FIG. 5 is a longitudinal sectional view of a conventional electromagnetic force generator.

[Explanation of symbols]

 DESCRIPTION OF SYMBOLS 1 Lower yoke 1b Bolt insertion hole 1c Floor surface of lower yoke 2 Bolt (shaft) 3 Lower magnet 3a Bolt insertion hole 4 Pole piece 4a Bolt insertion hole 4b, 4c Magnet insertion recess 5 Upper magnet 5a Bolt insertion hole 6 Nut 7 Upper yoke 7a Opening

Claims (7)

[Claims] 1. A lower magnet, a pole piece, and an upper magnet are arranged inside a yoke in order from a lower stage, and a movable coil is arranged in an annular space between the lower magnet, the pole piece, the upper magnet, and the yoke. In the device configured as described above, a shaft made of a non-magnetic material is erected at the center of the yoke so as to share the axis, and the lower magnet, the pole piece, and the upper magnet share the axis with the shaft. An electromagnetic force generator characterized in that it is arranged so as to be inserted. 2. A lower magnet, a pole piece, and an upper magnet are arranged inside the yoke in order from the lower stage, and a movable coil is arranged in an annular space between the lower magnet, the pole piece, the upper magnet, and the yoke. In the device configured as described above, the yoke includes a lower yoke,
An upper yoke functioning as a lid of the lower yoke is provided.A shaft body made of a non-magnetic material is erected at the center of the lower yoke so as to share an axis. An electromagnetic force generator, wherein the electromagnetic force generating device is inserted and arranged so as to share an axis with a shaft body, and an upper yoke is inserted and arranged at an upper end of a lower yoke. 3. A screw portion is formed at an end of the shaft body erected on the shaft center, and a nut is screwed to the screw portion to thereby form a lower yoke, a lower magnet, a pole piece,
3. The electromagnetic force generator according to claim 1, wherein the upper magnet is configured to be fixed via a shaft. 4. An opening at the center of the upper yoke is formed as a female screw portion, and the lower yoke, the lower magnet, the pole piece, the upper magnet, and the upper yoke form a shaft by screwing with a screw at the end of the shaft.
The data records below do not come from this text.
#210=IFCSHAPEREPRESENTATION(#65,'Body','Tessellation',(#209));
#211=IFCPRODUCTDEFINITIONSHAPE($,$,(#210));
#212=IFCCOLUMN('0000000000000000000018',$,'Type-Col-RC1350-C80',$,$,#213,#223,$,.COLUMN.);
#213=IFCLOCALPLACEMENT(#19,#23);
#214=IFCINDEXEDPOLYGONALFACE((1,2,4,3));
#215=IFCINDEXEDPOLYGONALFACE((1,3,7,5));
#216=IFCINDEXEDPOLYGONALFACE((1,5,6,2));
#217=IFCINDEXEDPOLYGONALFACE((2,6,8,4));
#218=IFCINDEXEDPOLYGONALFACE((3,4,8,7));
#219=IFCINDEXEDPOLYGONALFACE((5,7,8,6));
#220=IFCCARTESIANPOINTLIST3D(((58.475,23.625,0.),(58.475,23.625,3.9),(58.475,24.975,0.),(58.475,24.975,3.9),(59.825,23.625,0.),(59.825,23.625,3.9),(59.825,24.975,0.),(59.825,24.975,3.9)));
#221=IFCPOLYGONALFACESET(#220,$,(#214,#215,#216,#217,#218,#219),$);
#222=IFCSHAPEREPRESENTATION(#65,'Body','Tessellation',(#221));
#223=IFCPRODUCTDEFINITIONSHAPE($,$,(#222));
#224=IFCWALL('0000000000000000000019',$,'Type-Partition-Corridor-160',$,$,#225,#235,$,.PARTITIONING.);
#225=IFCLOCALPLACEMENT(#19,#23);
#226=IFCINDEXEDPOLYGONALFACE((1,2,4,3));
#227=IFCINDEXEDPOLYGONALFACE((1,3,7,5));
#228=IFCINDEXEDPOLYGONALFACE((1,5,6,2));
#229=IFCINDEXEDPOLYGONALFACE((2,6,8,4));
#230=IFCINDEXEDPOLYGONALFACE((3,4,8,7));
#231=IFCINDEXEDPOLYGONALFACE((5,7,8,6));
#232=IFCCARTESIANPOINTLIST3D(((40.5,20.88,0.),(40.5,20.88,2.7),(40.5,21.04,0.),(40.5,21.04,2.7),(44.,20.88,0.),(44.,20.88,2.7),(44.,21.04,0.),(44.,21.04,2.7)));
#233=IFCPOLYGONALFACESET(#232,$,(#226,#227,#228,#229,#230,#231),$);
The electromagnetic force generating device according to claim 3, wherein the electromagnetic force generating device is configured to be fixed via a pin. 5. The pole piece is formed to have a diameter larger than the diameter of the upper and lower magnets, and at least one of the upper and lower magnet contact surfaces of the pole piece is the same as the magnet so that a part of the magnet is inserted. The electromagnetic force generator according to any one of claims 1 to 4, wherein a recess having a diameter is formed. 6. A contact surface of the lower yoke on the floor surface of the lower yoke, wherein a recess having the same diameter as the lower magnet is formed so that a part of the lower magnet is fitted and inserted. Item 6. The electromagnetic force generator according to any one of Items 1 to 5. 7. The upper yoke lower surface is configured to be in contact with the upper magnet upper surface, and a gap for error adjustment is formed between the peripheral edge of the upper yoke lower surface and the lower yoke upper end surface. The electromagnetic force generator according to any one of claims 4 to 6.